BioinformaticsToolsmith / Identity

Other
33 stars 3 forks source link

Floating point exception (core dumped) #16

Open matnguyen opened 1 year ago

matnguyen commented 1 year ago

I am running the following FASTA file fasta.zip

Using ../meshclust -d file.fasta -o file.txt

MeShClust 2.0 is developed by Hani Z. Girgis, PhD.

This program clusters DNA sequences using identity scores obtained without alignment.

Copyright (C) 2021-2022 Hani Z. Girgis, PhD

Academic use: Affero General Public License version 1.

Any restrictions to use for profit or non-academics: Alternative commercial license is required.

This program is distributed in the hope that it will be useful, but WITHOUT ANY WARRANTY;
without even the implied warranty of MERCHANTABILITY or FITNESS FOR A PARTICULAR PURPOSE.

Please contact Dr. Hani Z. Girgis (hzgirgis@buffalo.edu) if you need more information.

Please cite the following papers:
        MeShClust v3.0: High-quality clustering of DNA sequences using the mean shift algorithm
        and alignment-free identity scores (2022). Hani Z. Girgis, BMC Genomics, 23(1):423.

        Identity: Rapid alignment-free prediction of sequence alignment identity scores using
        self-supervised general linear models (2021). Hani Z. Girgis, Benjamin T. James, and
        Brian B. Luczak. NAR Genom Bioinform, 13(1), lqab001.

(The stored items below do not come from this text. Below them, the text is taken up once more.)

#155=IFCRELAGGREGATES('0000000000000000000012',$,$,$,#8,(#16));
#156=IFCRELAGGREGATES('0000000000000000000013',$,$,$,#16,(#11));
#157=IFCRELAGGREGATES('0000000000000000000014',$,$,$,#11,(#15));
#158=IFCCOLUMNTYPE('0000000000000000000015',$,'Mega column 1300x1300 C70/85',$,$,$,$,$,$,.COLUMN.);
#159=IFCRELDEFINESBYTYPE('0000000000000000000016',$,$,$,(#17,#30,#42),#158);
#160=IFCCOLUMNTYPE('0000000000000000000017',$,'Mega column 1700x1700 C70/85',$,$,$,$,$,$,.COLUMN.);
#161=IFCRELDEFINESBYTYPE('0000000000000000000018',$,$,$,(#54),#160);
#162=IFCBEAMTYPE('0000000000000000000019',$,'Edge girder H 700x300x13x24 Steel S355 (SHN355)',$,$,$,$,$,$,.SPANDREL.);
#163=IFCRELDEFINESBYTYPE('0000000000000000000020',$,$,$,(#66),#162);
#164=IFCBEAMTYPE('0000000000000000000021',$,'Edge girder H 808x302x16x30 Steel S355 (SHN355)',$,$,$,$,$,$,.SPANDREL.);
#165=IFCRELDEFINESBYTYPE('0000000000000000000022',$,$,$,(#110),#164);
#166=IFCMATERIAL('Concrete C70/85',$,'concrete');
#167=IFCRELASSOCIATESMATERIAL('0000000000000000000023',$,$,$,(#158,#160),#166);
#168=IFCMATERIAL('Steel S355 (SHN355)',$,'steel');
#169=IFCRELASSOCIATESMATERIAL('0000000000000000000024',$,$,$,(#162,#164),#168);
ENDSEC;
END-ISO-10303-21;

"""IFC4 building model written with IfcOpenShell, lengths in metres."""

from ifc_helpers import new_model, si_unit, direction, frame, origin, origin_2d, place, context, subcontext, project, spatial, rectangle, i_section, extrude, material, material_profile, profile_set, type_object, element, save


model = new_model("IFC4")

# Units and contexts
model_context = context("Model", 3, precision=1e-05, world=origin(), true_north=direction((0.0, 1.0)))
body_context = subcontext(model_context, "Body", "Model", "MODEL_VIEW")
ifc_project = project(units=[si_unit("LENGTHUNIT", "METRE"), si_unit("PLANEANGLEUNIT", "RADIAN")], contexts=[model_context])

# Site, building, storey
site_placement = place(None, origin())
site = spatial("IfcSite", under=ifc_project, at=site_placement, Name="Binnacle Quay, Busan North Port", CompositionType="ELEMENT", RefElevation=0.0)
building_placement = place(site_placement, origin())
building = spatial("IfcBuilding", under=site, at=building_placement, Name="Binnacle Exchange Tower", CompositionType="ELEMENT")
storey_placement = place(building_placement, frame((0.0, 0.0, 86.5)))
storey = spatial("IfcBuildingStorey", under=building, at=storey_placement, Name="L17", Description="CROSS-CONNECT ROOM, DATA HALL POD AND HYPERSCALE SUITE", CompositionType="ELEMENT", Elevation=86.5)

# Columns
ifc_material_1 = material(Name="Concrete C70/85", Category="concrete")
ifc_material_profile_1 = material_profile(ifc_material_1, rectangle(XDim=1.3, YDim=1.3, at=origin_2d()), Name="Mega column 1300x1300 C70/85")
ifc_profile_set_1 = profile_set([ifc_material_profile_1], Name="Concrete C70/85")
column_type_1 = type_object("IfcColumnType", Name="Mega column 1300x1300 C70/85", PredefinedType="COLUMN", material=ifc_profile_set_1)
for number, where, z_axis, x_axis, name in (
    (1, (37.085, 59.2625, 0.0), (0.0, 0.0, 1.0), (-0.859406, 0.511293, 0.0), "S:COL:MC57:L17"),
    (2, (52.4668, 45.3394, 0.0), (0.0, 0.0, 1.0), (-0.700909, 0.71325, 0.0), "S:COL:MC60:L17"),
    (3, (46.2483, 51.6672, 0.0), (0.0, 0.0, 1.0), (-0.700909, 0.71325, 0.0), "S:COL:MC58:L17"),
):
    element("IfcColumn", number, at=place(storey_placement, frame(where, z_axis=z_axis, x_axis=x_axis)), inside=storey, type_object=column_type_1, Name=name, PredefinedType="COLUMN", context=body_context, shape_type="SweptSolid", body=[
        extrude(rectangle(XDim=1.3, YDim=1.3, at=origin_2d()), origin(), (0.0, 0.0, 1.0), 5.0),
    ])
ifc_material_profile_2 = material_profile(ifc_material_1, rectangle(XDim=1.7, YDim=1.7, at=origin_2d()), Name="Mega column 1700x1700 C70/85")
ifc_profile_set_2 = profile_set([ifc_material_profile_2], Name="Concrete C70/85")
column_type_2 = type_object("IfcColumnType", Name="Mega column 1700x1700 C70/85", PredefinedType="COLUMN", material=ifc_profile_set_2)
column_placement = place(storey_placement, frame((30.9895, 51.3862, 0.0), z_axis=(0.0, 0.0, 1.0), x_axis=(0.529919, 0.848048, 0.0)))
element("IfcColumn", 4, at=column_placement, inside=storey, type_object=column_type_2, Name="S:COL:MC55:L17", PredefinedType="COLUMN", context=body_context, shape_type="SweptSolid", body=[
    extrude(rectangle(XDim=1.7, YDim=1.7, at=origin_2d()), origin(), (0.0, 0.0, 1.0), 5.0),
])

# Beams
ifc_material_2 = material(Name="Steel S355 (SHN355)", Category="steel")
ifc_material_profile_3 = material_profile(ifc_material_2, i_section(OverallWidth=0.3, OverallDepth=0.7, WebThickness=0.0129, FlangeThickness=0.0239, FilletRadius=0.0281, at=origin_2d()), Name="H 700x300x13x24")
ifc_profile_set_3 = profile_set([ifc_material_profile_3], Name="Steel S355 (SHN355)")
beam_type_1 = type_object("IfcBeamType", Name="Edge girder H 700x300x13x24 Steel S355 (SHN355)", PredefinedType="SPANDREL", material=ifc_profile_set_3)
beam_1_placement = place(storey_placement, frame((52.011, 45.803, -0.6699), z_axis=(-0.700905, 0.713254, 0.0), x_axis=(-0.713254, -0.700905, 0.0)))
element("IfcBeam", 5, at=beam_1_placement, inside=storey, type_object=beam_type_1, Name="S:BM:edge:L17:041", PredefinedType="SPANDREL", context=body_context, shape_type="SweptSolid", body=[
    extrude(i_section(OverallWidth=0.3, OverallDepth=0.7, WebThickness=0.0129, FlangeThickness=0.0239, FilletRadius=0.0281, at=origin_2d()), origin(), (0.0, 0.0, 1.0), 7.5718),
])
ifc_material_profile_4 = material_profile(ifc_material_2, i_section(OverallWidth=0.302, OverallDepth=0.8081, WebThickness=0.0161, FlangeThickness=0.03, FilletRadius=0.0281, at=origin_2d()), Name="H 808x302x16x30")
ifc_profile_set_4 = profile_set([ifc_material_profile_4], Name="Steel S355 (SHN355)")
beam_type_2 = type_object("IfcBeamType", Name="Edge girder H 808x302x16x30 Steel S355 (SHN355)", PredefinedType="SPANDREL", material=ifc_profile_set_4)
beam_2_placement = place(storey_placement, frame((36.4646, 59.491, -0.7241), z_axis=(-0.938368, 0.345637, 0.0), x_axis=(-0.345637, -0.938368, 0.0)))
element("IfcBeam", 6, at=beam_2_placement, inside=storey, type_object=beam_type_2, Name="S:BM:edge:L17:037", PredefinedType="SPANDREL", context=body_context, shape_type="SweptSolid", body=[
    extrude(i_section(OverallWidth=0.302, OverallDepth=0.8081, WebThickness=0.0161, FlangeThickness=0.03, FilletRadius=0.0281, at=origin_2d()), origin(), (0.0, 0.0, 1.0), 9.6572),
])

        A survey and evaluations of histogram-based statistics in alignment-free sequence
        comparison (2019). Brian B. Luczak, Benjamin T. James, and Hani Z. Girgis. Briefings
        in Bioinformatics, 20(4):1222–1237.

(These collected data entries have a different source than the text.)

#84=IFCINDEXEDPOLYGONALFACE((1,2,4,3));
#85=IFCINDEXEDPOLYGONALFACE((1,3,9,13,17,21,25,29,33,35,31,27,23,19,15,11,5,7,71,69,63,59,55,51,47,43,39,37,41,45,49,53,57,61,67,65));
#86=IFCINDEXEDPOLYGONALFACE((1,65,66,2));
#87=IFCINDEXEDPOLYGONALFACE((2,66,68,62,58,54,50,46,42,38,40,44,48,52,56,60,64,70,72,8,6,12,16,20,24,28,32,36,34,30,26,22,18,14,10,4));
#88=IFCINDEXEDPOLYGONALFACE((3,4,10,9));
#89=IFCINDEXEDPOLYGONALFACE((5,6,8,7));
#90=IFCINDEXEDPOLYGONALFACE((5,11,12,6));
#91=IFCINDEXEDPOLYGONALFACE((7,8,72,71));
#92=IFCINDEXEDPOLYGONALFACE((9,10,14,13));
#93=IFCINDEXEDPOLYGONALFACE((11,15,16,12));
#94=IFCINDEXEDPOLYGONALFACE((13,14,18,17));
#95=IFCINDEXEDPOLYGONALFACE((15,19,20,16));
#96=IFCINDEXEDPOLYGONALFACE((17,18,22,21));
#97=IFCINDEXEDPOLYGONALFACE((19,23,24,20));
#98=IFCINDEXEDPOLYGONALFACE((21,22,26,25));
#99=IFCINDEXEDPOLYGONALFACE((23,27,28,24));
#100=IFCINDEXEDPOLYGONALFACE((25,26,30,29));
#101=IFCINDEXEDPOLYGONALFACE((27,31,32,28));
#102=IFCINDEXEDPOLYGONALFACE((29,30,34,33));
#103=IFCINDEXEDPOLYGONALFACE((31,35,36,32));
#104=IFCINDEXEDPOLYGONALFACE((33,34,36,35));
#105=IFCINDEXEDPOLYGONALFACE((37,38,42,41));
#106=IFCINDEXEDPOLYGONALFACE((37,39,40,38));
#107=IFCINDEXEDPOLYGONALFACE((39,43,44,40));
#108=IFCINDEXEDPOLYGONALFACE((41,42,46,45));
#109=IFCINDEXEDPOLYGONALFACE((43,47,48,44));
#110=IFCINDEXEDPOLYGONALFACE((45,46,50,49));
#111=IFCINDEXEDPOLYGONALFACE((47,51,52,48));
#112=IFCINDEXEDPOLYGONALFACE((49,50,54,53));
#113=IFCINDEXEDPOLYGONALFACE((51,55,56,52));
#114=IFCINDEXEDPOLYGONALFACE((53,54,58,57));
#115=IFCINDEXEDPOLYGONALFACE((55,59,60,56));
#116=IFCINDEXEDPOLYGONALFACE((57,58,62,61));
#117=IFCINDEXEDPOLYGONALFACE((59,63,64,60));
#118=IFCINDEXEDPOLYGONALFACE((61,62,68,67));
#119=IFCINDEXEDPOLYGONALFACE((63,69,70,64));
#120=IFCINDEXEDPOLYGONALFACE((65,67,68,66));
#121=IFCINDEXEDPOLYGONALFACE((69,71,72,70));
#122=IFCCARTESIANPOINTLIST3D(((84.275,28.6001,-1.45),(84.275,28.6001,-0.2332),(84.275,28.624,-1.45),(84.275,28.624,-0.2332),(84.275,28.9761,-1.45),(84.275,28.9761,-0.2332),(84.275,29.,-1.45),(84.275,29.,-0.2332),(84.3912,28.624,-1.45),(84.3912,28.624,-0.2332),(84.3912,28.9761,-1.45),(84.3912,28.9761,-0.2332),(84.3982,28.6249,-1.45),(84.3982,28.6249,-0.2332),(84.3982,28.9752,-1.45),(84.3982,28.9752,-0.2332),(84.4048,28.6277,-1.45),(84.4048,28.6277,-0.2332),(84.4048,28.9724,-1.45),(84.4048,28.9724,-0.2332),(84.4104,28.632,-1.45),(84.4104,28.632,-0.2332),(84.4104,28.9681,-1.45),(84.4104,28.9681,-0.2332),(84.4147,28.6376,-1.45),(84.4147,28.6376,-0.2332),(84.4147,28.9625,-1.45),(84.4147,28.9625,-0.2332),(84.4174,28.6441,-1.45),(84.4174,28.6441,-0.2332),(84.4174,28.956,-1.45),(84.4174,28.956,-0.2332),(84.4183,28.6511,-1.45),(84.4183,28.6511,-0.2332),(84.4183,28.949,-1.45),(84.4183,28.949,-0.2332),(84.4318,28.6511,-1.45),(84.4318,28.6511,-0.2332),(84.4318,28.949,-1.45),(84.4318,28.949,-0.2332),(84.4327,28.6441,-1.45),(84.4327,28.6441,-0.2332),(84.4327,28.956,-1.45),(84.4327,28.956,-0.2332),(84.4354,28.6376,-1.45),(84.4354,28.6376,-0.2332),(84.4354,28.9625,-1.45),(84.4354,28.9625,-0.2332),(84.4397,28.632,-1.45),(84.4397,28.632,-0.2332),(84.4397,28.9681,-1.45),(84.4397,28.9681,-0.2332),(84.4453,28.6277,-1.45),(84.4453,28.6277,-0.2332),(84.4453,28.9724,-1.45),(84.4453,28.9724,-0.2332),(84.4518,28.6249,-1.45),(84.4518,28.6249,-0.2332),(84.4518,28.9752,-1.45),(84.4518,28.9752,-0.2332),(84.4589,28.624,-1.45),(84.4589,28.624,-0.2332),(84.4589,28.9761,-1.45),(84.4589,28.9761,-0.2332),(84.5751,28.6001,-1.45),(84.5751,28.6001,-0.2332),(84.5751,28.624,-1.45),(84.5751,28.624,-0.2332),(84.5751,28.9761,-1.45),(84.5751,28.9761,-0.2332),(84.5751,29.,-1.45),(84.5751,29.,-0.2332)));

        MeShClust: An intelligent tool for clustering DNA sequences (2018). Benjamin T. James,
        Brian B. Luczak, and Hani Z. Girgis. Nucleic Acids Res, 46(14):e83.

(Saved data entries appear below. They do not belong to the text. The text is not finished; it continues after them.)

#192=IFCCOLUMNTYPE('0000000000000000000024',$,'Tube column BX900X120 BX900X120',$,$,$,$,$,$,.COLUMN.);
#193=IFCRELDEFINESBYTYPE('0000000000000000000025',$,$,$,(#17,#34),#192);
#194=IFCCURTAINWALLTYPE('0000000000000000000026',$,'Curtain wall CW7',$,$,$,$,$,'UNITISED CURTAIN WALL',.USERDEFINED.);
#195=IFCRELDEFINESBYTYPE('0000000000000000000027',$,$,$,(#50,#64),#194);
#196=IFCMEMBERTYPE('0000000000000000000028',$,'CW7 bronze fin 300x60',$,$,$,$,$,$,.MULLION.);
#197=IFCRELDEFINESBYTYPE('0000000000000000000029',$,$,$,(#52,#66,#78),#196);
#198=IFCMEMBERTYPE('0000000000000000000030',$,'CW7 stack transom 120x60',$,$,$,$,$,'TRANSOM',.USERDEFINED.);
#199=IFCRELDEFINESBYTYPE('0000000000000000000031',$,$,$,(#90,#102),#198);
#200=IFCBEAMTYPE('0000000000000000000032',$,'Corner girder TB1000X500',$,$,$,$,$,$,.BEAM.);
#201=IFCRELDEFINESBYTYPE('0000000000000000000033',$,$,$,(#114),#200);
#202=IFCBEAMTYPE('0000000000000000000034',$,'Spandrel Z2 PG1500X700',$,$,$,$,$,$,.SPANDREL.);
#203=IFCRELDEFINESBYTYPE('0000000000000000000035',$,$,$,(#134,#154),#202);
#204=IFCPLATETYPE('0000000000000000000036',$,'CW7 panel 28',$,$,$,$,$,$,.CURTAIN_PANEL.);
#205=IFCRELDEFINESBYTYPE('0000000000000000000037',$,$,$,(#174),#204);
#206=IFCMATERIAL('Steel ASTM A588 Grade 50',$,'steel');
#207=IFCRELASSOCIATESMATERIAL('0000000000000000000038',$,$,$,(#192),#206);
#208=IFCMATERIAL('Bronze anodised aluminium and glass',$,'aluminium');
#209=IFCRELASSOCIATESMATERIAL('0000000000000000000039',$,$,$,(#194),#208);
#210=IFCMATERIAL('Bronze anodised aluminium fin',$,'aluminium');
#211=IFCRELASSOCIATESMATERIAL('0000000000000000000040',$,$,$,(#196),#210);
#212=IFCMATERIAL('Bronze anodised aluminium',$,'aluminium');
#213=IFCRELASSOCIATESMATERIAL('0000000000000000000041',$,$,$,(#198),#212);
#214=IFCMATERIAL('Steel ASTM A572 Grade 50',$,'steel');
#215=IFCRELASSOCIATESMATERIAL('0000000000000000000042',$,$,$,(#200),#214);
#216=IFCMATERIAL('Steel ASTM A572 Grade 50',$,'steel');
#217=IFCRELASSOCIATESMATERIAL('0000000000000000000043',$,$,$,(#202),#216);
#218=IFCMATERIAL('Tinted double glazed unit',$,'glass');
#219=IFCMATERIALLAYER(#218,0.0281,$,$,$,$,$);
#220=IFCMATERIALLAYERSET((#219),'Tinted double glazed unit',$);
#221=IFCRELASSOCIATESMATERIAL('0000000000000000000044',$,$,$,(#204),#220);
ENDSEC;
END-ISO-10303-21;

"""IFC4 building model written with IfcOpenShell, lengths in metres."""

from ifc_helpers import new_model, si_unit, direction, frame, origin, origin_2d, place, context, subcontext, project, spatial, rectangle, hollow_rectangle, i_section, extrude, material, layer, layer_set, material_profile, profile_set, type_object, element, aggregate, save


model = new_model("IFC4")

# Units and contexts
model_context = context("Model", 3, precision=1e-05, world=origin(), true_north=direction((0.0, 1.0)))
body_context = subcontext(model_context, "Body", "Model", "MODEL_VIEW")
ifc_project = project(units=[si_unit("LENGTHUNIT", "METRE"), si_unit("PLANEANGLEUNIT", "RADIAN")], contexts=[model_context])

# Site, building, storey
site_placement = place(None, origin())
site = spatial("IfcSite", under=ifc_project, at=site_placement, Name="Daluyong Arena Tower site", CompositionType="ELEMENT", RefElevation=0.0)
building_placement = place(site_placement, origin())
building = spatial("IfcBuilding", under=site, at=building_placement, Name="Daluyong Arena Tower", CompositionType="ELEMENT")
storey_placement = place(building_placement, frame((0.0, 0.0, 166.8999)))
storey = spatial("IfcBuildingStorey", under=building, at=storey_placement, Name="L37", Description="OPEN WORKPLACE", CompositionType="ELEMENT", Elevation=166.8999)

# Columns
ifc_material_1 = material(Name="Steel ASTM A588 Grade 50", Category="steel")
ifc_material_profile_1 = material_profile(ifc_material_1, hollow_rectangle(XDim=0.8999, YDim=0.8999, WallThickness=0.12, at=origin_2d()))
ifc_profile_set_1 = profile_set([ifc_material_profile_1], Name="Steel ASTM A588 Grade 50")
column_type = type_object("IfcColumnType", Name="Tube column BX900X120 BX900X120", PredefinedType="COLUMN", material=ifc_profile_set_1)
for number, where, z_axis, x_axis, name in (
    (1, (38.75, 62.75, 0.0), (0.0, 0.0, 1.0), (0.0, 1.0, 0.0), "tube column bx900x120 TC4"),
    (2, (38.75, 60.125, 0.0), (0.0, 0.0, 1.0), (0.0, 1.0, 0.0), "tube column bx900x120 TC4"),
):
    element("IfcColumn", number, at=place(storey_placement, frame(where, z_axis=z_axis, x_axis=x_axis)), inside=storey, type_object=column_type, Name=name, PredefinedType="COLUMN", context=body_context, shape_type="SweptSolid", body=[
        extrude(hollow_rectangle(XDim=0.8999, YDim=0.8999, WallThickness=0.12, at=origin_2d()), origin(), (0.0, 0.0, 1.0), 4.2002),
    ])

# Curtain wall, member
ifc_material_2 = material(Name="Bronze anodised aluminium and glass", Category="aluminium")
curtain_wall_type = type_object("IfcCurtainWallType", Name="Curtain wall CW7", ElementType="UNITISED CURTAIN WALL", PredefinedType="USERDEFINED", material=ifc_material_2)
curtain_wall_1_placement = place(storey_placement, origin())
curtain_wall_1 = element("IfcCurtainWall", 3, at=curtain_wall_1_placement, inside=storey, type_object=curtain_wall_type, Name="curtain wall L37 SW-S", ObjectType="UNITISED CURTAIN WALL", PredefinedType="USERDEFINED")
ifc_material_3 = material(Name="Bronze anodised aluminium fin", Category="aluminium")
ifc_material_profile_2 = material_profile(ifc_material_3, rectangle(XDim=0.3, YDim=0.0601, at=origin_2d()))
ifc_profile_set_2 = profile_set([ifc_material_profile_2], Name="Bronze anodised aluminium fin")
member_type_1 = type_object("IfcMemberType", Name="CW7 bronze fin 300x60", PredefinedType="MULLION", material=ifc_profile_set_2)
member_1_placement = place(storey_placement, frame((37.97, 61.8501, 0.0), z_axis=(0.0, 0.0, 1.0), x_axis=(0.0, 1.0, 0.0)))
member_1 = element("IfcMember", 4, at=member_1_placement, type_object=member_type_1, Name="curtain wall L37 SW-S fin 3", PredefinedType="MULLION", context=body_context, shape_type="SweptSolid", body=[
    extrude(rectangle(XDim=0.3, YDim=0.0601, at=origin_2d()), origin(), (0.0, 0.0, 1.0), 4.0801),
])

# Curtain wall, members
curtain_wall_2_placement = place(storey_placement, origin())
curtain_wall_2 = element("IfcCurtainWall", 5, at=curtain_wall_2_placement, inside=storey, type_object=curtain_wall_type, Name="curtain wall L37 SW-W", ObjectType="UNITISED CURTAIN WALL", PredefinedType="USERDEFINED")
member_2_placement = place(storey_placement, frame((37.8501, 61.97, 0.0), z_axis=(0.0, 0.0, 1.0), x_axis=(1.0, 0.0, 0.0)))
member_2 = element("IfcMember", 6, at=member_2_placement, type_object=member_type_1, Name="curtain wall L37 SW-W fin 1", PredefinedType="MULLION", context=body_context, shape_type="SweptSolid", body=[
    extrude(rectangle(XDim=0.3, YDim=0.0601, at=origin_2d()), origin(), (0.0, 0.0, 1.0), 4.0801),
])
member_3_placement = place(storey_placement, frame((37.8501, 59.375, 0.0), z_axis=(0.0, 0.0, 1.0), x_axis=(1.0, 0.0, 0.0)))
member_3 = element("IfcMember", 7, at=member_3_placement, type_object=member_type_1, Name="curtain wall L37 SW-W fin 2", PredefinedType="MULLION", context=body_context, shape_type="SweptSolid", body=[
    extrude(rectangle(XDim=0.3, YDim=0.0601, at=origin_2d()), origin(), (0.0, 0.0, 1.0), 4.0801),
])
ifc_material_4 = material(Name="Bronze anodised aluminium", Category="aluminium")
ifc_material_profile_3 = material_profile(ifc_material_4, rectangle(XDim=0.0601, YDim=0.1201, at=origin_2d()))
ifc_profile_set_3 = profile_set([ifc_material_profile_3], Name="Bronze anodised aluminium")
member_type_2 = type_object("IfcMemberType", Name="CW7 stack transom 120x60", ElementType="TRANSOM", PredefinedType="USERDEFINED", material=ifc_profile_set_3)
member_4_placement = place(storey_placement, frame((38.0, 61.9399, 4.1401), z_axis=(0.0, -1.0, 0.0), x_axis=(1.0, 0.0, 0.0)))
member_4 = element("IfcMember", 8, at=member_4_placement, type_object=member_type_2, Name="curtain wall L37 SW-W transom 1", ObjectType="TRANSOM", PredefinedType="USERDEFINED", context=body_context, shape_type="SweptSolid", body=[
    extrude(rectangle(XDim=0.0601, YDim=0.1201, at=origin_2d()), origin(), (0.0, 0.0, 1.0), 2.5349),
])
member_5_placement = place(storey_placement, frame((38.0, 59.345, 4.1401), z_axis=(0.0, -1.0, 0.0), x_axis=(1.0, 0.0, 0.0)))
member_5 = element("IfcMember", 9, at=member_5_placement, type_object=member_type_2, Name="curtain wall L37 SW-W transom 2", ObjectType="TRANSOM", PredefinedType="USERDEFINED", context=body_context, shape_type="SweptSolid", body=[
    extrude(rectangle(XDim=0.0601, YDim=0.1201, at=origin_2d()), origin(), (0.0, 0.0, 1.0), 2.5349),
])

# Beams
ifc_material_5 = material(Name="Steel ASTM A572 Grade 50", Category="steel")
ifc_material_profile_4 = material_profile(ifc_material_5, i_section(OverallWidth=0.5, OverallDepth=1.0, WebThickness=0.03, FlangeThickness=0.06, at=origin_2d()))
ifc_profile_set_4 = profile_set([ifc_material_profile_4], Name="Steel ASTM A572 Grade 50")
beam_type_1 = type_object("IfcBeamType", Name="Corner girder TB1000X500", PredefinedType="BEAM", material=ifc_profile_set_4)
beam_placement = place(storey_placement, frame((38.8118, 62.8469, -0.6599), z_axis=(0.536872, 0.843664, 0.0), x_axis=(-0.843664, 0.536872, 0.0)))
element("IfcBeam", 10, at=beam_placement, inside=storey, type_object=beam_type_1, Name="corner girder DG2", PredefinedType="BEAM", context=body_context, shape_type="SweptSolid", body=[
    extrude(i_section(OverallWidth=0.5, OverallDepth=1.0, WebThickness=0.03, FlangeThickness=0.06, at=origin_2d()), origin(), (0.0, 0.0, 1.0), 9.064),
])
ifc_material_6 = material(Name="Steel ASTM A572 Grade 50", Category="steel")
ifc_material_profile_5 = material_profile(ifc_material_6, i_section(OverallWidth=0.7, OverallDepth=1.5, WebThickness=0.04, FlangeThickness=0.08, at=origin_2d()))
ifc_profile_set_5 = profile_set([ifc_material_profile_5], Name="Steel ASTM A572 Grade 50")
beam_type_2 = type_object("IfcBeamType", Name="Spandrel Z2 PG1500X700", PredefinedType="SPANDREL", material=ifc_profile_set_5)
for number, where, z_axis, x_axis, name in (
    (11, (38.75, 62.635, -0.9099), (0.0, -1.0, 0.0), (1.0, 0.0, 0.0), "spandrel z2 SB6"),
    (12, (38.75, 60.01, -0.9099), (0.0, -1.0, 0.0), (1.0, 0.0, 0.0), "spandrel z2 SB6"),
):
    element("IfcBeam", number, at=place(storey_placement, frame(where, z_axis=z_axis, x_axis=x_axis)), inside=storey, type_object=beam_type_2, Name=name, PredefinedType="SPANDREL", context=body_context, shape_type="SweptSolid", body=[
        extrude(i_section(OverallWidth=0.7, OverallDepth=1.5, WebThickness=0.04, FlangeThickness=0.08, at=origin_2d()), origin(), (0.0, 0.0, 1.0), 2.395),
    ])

Database file: low_diversity_day.fasta
Output file: low_diversity_day.txt
Cores: 16
Estimating the threshold ...
Average: 29846
K: 7
Histogram size: 16384
A histogram entry is 32 bits.
Generating data.
Number of standard deviations: 2
Preparing data ...
        Positive examples: 9990
        Training size: 4995
        Validation size: 4995
Better performance of: 0.000105995
        jeffrey_divergence
Better performance of: 4.05578e-05
        jeffrey_divergence
        correlation x correlation^2
Better performance of: 3.28931e-05
        jeffrey_divergence
        simMM
        euclidean x cosine
        euclidean x correlation
        correlation x correlation^2
Better performance of: 2.8555e-05
        jeffrey_divergence
        simMM
        chi_squared^2
        minkowski^2
        euclidean x cosine
        euclidean x correlation
        chi_squared x cosine^2
        correlation x correlation^2
Selected statistics:
        jeffrey_divergence
        simMM
        chi_squared^2
        minkowski^2
        euclidean x cosine
        euclidean x correlation
        chi_squared x cosine^2
        correlation x correlation^2
Finished training.
        MAE: 0.00398844
        MSE: 2.8555e-05
Optimizing ...
Validating ...
        MAE: 0.00411611
        MSE: 3.08339e-05
Mean = 0.992131
STD = 3.33067e-16
Min = 0.992131
============================================
0.992131
Final threshold: 0.992131
Calculated threshold: 0.992131
Block size for all vs. all: 25000
Block size for reading sequences: 100000
Number of data passes: 10
Can assign all: No

Average: 29846
K: 7
Histogram size: 16384
A histogram entry is 32 bits.
Generating data.
Floating point exception (core dumped)
ashleyp1 commented 3 days ago

I got the same error and I finally figured it out! It's throwing an error because the estimated threshold is greater than 0.99. I went back through the README and found the threshold parameter and realized it was the problem.

-t: Optional. Threshold identity score (between 0 & 0.99) for determining cluster membership.

You can get around this by running meshclust -d file.fasta -o file.txt -t 0.99 in cases where the estimated threshold comes back as >0.99.